Research Roundup: Battery Breakthroughs To Extend EV Range

The electric vehicle industry has rapidly evolved, driven by the global push for sustainable transportation solutions. However, one persistent challenge has been the limited range of EVs compared to their gasoline-powered counterparts. This range anxiety has been a significant barrier to widespread EV adoption, prompting intense research and development efforts in battery technology. 

Current lithium-ion batteries have reached a saturation point in energy density and performance. Researchers have been exploring various avenues to overcome these limitations, including new materials for anodes and cathodes, alternative electrolytes, and novel battery architectures. 

Recent breakthroughs in battery technology promise to address these long-standing issues and resolve range anxiety.

Low battery warning on EV dashboard. Image used courtesy of Adobe Stock

Silicon Anodes Unleashed

Lithium-ion batteries operate through the reversible lithium-ion movement between the cathode and anode during charge-discharge cycles. The anode, typically composed of graphite, intercalates lithium ions during charging. Silicon anodes offer higher theoretical capacity but suffer from significant volume expansion during lithiation, leading to degradation of structure and capacity.

Pohang University of Science and Technology researchers have engineered a special binding material to prevent high-capacity silicon anodes from expanding, increasing the capacity by 10 times. The research team effectively stabilized silicon anodes, which was key to unlocking their potential for significantly higher energy storage. According to the team, this technological advancement could extend EV driving ranges to over 3,000 miles on a single charge. 

Solid State, Stellar Range

The driving range for most high-end commercial EVs is around 400 miles. To overcome this limit, Mercedes-Benz and American battery startup Factorial have made significant progress in developing solid-state battery technology. Their battery pack, dubbed Solstice, has achieved an energy density up to 450 watt-hours per kilogram (Wh/kg), substantially higher than average lithium-ion batteries.

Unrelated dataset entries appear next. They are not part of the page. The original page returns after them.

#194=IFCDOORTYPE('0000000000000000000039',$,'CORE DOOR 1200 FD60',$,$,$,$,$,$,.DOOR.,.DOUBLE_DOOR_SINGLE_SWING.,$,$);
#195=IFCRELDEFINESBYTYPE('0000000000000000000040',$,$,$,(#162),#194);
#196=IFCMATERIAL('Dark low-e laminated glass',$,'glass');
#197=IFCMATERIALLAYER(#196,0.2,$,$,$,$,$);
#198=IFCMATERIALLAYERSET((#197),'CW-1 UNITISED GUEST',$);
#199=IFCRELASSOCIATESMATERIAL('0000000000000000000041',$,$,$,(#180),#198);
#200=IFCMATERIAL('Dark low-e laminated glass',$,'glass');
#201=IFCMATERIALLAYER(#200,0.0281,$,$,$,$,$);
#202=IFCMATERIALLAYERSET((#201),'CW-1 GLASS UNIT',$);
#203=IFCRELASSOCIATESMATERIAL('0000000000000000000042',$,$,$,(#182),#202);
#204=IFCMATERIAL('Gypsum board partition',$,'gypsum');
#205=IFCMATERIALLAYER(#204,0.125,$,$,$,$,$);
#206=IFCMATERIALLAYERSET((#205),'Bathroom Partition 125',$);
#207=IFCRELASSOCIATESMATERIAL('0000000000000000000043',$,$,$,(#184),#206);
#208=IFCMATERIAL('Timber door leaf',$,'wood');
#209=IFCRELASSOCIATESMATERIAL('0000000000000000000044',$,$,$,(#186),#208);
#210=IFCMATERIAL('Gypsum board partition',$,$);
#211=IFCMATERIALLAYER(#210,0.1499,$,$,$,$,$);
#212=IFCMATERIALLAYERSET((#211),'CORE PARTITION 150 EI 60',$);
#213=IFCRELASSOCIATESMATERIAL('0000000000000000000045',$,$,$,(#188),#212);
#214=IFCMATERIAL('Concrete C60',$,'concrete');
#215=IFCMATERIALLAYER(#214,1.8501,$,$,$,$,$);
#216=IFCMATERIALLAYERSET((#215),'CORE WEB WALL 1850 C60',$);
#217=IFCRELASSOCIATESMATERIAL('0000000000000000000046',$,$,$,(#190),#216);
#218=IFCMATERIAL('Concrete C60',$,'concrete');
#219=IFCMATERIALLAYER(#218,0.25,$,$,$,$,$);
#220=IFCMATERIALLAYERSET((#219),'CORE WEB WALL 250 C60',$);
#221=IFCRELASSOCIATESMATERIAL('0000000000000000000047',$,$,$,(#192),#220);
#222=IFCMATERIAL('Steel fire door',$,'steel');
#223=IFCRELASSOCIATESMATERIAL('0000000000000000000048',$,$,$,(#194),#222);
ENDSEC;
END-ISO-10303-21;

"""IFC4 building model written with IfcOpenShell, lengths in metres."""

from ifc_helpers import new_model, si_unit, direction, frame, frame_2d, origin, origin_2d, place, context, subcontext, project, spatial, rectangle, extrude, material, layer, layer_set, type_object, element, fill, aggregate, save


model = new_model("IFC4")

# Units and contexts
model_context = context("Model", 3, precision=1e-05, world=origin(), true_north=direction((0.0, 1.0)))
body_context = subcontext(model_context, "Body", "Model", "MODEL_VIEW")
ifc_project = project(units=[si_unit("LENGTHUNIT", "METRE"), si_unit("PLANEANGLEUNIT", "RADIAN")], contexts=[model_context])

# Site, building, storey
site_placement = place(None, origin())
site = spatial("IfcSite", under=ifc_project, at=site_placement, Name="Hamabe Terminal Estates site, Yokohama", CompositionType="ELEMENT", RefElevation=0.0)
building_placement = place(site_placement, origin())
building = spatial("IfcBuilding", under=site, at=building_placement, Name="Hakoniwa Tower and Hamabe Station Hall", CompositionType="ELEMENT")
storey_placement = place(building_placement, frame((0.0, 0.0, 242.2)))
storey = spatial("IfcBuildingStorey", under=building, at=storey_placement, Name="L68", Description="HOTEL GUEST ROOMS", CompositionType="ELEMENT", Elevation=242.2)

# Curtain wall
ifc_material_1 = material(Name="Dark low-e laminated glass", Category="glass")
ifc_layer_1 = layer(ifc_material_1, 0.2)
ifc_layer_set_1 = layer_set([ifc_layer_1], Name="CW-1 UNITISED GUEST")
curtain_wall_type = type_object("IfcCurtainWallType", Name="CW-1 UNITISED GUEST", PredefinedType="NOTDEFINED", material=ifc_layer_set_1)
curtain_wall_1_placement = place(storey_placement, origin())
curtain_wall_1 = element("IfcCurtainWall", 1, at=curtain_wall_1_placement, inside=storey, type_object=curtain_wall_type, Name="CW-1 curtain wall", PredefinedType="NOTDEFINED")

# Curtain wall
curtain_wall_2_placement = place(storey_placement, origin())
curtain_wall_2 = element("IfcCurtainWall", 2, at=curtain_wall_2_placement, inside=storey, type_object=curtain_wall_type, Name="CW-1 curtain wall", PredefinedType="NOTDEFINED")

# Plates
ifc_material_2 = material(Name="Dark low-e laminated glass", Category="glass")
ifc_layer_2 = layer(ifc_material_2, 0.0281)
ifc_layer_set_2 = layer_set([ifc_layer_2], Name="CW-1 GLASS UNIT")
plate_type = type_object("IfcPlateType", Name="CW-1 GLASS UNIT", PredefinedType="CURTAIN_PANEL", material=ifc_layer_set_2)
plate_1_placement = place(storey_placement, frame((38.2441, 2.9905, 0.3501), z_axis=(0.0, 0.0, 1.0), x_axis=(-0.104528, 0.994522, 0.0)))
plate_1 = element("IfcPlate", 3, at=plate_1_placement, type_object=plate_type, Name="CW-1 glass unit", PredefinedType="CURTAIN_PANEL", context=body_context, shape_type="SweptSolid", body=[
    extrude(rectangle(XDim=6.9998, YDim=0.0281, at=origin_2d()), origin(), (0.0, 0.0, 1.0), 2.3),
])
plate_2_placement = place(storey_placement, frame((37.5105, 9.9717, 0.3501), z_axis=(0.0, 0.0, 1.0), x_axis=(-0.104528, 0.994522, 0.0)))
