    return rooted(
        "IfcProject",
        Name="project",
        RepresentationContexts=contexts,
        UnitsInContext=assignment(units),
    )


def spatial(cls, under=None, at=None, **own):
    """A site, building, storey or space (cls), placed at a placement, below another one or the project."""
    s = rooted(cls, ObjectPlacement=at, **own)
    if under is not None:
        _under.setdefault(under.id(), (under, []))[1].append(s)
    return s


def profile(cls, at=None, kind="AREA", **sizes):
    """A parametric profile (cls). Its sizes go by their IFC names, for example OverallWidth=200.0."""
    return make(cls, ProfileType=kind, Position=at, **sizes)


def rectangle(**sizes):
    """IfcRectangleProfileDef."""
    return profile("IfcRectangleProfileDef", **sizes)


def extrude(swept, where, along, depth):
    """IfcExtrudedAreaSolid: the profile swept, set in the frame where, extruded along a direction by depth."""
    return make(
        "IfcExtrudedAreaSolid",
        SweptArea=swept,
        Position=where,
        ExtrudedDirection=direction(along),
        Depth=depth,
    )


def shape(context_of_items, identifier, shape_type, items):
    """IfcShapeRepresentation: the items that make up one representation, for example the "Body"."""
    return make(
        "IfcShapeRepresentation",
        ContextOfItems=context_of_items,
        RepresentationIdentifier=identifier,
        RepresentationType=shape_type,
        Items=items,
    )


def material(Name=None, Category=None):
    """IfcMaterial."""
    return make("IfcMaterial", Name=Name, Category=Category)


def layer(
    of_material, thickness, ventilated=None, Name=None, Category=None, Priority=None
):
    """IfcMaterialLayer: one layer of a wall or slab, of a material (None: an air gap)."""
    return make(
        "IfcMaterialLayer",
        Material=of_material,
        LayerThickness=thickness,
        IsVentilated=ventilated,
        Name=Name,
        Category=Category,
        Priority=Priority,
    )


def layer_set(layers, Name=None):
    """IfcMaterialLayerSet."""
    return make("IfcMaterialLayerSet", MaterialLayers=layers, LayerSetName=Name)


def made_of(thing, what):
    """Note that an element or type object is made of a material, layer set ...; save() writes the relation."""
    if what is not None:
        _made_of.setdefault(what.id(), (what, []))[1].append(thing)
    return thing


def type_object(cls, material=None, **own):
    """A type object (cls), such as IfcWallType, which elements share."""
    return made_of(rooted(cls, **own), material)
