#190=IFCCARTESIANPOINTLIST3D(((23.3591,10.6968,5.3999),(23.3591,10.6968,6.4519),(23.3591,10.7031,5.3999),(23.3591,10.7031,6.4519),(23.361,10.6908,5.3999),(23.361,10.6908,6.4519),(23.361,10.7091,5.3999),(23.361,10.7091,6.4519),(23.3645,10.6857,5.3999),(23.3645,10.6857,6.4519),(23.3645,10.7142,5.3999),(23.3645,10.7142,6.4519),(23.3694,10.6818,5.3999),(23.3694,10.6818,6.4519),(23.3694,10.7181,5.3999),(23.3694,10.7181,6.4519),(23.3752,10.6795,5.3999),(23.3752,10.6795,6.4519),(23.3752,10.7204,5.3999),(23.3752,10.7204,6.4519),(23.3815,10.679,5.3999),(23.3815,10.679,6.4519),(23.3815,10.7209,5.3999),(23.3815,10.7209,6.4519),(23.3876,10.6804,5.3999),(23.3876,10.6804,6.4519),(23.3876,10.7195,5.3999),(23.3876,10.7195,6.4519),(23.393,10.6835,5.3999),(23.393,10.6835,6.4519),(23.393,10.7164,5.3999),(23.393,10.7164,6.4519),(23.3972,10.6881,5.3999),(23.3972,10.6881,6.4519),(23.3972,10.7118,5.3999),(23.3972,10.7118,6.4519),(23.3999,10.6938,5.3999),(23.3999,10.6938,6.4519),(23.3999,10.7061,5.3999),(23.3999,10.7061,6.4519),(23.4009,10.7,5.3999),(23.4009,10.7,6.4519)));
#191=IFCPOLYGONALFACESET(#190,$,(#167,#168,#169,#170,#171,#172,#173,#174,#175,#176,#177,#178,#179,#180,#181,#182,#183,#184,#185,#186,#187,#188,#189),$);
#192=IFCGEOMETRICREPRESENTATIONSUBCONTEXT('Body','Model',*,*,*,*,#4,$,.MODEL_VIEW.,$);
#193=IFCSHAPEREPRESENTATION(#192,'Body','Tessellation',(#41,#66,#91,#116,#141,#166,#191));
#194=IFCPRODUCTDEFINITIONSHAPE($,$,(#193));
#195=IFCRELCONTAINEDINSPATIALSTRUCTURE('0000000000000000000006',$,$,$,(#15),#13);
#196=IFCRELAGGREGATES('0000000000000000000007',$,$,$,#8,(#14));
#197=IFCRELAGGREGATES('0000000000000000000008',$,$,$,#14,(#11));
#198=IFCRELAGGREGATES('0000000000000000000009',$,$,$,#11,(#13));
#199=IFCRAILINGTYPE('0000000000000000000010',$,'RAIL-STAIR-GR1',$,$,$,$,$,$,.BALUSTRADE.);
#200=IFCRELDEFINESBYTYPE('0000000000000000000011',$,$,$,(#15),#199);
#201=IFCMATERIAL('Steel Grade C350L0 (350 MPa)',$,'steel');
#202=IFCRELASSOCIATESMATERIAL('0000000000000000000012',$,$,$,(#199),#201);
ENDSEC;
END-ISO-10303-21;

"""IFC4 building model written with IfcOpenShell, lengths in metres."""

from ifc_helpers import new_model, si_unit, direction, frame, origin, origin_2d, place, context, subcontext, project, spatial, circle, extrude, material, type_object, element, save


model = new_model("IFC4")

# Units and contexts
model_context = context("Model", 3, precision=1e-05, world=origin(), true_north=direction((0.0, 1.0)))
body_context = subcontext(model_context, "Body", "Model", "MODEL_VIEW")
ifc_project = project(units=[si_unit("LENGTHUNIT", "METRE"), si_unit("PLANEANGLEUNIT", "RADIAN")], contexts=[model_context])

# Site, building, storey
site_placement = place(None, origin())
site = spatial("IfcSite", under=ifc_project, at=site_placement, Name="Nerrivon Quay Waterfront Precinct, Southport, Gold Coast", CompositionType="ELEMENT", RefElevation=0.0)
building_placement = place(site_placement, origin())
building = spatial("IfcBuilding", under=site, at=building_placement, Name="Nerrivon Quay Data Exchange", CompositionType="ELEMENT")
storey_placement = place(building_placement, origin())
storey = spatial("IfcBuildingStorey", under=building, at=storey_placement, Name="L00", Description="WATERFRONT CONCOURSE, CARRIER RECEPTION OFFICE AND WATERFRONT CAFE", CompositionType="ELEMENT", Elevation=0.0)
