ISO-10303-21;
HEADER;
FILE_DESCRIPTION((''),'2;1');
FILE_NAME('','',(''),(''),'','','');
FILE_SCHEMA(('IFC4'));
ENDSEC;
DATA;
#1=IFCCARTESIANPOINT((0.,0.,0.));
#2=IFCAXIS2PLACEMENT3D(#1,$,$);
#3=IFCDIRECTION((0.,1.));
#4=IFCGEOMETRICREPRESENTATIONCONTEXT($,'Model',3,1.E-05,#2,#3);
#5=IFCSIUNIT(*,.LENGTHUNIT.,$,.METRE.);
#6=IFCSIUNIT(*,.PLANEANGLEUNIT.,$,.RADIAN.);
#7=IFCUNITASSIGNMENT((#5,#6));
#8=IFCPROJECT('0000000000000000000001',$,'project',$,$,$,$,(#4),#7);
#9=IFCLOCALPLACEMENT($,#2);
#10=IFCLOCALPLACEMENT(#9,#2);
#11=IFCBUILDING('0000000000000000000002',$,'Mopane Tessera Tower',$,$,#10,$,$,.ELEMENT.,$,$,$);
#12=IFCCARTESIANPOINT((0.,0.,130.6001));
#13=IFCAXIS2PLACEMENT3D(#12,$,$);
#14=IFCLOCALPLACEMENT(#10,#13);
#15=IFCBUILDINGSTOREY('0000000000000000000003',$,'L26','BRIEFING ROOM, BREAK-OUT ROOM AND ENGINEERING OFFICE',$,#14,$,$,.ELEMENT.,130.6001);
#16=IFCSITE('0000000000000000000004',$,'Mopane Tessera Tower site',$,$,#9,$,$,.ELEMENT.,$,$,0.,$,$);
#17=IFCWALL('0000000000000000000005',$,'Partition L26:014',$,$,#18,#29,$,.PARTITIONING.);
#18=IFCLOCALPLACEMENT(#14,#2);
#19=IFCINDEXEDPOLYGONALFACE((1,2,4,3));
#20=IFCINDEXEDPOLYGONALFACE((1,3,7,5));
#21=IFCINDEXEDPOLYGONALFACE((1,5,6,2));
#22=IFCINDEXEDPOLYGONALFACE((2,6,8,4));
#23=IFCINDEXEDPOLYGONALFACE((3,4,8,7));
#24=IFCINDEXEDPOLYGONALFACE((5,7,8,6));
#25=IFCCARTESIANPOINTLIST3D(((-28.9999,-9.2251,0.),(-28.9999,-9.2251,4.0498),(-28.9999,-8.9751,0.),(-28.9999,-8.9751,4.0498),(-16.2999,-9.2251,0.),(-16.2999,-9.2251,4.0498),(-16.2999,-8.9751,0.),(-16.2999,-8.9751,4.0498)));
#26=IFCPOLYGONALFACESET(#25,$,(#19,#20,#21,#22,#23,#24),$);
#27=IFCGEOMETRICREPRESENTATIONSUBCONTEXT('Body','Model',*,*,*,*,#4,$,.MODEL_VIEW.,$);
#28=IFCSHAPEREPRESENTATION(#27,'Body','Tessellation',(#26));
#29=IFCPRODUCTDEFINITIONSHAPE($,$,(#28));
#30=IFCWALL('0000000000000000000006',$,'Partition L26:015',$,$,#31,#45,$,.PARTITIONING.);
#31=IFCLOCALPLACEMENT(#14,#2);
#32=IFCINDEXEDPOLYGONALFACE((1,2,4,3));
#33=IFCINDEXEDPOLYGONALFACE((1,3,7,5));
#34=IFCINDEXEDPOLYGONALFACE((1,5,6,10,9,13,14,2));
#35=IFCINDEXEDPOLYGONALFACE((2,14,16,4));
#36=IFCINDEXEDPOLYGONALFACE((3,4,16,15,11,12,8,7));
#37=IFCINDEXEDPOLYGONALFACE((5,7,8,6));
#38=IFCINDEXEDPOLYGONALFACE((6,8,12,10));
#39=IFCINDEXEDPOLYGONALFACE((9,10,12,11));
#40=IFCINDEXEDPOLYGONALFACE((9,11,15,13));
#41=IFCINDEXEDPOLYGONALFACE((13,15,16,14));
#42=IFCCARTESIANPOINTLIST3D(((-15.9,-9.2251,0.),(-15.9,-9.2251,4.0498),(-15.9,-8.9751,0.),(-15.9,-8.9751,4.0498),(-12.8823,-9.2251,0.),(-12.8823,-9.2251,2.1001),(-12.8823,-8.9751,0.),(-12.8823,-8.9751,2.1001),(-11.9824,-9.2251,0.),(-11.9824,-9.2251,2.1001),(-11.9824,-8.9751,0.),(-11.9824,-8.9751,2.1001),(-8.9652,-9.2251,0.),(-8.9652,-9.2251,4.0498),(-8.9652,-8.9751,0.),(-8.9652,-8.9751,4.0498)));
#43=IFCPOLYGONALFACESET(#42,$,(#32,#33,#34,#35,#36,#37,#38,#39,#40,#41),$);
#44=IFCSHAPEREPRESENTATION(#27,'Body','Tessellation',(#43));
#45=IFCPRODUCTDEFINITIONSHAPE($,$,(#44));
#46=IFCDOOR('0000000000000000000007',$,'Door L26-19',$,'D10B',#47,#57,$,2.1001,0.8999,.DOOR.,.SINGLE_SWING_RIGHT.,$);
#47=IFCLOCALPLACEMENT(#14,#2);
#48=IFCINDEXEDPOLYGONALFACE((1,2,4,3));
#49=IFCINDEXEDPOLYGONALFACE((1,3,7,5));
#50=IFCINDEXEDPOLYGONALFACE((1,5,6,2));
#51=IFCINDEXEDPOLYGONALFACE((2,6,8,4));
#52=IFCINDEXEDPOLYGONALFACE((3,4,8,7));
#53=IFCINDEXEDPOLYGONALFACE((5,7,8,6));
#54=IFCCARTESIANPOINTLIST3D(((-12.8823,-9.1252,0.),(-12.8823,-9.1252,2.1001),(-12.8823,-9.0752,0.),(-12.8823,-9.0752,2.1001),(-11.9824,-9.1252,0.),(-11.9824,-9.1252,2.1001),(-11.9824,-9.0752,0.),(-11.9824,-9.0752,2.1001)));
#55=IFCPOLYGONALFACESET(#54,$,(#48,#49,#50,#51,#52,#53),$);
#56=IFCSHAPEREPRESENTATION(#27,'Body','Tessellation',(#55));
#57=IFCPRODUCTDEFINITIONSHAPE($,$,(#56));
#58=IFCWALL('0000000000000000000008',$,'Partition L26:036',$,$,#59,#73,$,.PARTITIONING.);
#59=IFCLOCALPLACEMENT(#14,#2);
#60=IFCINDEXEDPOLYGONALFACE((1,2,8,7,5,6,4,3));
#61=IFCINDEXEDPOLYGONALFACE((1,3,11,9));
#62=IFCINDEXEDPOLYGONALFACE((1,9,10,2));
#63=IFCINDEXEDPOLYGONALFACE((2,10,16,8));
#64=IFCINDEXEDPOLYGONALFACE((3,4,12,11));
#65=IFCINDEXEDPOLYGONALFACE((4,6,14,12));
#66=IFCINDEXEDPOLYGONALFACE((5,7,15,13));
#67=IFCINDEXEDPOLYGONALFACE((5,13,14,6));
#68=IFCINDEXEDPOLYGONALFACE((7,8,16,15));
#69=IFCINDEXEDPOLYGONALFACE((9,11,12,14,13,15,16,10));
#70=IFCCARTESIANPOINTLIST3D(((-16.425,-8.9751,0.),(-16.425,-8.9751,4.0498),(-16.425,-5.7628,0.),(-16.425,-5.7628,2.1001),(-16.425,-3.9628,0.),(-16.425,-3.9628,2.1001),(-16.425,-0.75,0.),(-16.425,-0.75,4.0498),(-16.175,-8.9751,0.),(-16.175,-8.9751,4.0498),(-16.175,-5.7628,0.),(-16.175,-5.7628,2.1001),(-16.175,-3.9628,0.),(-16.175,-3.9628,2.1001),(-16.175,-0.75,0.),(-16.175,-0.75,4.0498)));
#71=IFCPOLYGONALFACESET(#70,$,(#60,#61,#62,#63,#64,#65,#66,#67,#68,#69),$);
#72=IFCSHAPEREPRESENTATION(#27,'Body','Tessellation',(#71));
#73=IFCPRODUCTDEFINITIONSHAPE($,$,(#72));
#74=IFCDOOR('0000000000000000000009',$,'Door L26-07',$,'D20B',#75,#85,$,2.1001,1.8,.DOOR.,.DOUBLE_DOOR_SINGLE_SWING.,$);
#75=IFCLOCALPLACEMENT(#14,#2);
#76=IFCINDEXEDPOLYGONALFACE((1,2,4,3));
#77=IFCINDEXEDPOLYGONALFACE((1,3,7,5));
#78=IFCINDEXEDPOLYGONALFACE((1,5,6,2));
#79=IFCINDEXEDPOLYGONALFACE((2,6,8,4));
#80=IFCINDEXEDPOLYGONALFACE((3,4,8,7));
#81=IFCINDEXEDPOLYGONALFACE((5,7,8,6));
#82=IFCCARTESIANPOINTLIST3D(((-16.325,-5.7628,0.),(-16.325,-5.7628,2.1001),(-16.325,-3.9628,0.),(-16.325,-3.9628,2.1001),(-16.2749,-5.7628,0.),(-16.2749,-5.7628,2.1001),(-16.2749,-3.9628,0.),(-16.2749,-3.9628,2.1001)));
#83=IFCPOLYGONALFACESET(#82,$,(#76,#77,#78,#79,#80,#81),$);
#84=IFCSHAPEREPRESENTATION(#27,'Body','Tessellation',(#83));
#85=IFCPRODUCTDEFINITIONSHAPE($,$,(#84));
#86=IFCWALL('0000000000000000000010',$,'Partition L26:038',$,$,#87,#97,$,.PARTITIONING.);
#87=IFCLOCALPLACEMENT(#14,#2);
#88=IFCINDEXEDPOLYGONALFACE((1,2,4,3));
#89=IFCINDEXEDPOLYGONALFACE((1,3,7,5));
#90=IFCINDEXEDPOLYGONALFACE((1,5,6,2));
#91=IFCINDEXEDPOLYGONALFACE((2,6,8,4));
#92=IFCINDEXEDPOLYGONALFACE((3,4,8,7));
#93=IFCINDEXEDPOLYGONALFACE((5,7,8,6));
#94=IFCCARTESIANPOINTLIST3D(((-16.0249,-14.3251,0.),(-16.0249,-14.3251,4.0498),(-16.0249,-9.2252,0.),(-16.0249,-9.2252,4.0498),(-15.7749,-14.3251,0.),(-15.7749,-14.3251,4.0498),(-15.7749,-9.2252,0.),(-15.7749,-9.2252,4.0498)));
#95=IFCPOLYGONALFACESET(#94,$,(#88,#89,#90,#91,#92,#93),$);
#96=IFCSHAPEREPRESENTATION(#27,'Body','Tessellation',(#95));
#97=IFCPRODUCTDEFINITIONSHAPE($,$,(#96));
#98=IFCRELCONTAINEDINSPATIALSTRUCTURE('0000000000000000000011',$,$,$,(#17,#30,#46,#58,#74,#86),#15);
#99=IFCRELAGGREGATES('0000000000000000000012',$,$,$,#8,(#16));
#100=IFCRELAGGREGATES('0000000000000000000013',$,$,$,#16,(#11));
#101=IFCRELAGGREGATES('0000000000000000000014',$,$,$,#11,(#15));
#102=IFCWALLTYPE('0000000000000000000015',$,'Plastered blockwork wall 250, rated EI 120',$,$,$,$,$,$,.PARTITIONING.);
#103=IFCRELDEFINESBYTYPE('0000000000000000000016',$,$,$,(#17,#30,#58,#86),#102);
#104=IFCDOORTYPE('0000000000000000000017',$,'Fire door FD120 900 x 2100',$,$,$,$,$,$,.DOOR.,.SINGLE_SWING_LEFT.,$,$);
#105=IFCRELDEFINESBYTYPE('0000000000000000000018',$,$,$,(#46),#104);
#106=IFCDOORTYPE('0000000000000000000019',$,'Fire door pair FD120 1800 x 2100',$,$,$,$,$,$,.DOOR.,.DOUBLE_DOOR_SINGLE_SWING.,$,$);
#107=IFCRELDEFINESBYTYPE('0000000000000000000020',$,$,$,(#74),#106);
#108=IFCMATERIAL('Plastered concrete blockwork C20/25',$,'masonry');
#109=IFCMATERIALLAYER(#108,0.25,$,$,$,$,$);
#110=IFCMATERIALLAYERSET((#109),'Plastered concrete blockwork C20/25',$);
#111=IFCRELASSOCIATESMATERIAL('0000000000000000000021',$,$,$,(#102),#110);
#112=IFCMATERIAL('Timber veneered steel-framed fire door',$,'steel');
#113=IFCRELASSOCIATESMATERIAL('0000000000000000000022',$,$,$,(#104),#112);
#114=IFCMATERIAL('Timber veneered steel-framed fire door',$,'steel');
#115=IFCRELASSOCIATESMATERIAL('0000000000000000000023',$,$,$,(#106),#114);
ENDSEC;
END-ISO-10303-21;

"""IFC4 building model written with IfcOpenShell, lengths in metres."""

from ifc_helpers import new_model, si_unit, direction, frame, frame_2d, origin, place, context, subcontext, project, spatial, rectangle, extrude, material, layer, layer_set, type_object, element, fill, save


model = new_model("IFC4")

# Units and contexts
model_context = context("Model", 3, precision=1e-05, world=origin(), true_north=direction((0.0, 1.0)))
body_context = subcontext(model_context, "Body", "Model", "MODEL_VIEW")
ifc_project = project(units=[si_unit("LENGTHUNIT", "METRE"), si_unit("PLANEANGLEUNIT", "RADIAN")], contexts=[model_context])

# Site, building, storey
site_placement = place(None, origin())
site = spatial("IfcSite", under=ifc_project, at=site_placement, Name="Mopane Tessera Tower site", CompositionType="ELEMENT", RefElevation=0.0)
building_placement = place(site_placement, origin())
building = spatial("IfcBuilding", under=site, at=building_placement, Name="Mopane Tessera Tower", CompositionType="ELEMENT")
storey_placement = place(building_placement, frame((0.0, 0.0, 130.6001)))
storey = spatial("IfcBuildingStorey", under=building, at=storey_placement, Name="L26", Description="BRIEFING ROOM, BREAK-OUT ROOM AND ENGINEERING OFFICE", CompositionType="ELEMENT", Elevation=130.6001)

# Wall
ifc_material_1 = material(Name="Plastered concrete blockwork C20/25", Category="masonry")
ifc_layer_1 = layer(ifc_material_1, 0.25)
ifc_layer_set_1 = layer_set([ifc_layer_1], Name="Plastered concrete blockwork C20/25")
wall_type_1 = type_object("IfcWallType", Name="Plastered blockwork wall 250, rated EI 120", PredefinedType="PARTITIONING", material=ifc_layer_set_1)
wall_1_placement = place(storey_placement, frame((-29.0, -9.1001, 0.0), z_axis=(0.0, 0.0, 1.0), x_axis=(1.0, 0.0, 0.0)))
element("IfcWall", 1, at=wall_1_placement, inside=storey, type_object=wall_type_1, Name="Partition L26:014", PredefinedType="PARTITIONING", context=body_context, shape_type="SweptSolid", body=[
    extrude(rectangle(XDim=12.7, YDim=0.25, at=frame_2d((6.3501, 0.0))), origin(), (0.0, 0.0, 1.0), 4.0498),
])

# Walls, openings, doors
wall_2_placement = place(storey_placement, frame((-15.8999, -9.1001, 0.0), z_axis=(0.0, 0.0, 1.0), x_axis=(1.0, 0.0, 0.0)))
wall_2 = element("IfcWall", 2, at=wall_2_placement, inside=storey, type_object=wall_type_1, Name="Partition L26:015", PredefinedType="PARTITIONING", context=body_context, shape_type="SweptSolid", body=[
    extrude(rectangle(XDim=6.9348, YDim=0.25, at=frame_2d((3.4673, 0.0))), origin(), (0.0, 0.0, 1.0), 4.0498),
])
opening_1_placement = place(wall_2_placement, frame((3.0176, 0.0, 0.0)))
opening_1 = element("IfcOpeningElement", 3, at=opening_1_placement, cuts=wall_2, PredefinedType="OPENING", context=body_context, shape_type="SweptSolid", body=[
    extrude(rectangle(XDim=0.8999, YDim=2.1001, at=frame_2d((0.45, 1.05))), frame((0.0, 0.137, 0.0), z_axis=(0.0, -1.0, 0.0), x_axis=(1.0, 0.0, 0.0)), (0.0, 0.0, 1.0), 0.2739),
])
ifc_material_2 = material(Name="Timber veneered steel-framed fire door", Category="steel")
door_type_1 = type_object("IfcDoorType", Name="Fire door FD120 900 x 2100", OperationType="SINGLE_SWING_LEFT", PredefinedType="DOOR", material=ifc_material_2)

Factorial Solstice battery packs. Image used courtesy of Factorial

The key architectural difference lies in the electrolyte composition. While lithium-ion batteries use a liquid electrolyte, solid-state batteries employ a solid electrolyte, resulting in many benefits, including higher energy density. According to the team, the Solstice battery is more energy-dense, compact, lighter, and safer than existing lithium-ion batteries. The team believes this breakthrough could extend EV ranges to over 600 miles.

Structural Batteries Provide Massless Energy

EVs need more efficient energy storage solutions that don’t add burdensome weight to the vehicle. This demand has given rise to structural batteries that store energy and support the system. Researchers at Chalmers University of Technology have developed a structural battery that combines energy storage capabilities with load-bearing properties, effectively creating a "massless energy storage" solution.

Carbon fiber composite for structural batteries. Image used courtesy of Chalmers University

According to the study, the battery uses carbon fiber as positive and negative electrodes. Lithium iron phosphate is applied to the carbon fiber in the positive electrode. This dual-purpose design eliminates heavy current collectors like aluminum and copper. The semi-solid electrolyte enhances safety by minimizing fire risk. The latest iteration of this technology boasts an energy density of 30 Wh/kg and an improved stiffness of 70 gigapascals. 

While the battery’s energy density is slightly lower than conventional solutions, the weight reduction can potentially increase EV range by up to 70%.  

Looking Ahead

As consumers adopt EVs in mass, the demand for extended EV ranges will continue to catalyze battery advances. With progress already made in silicon anodes, solid-state batteries, and structural batteries, it’s clear that the industry is already working on these challenges.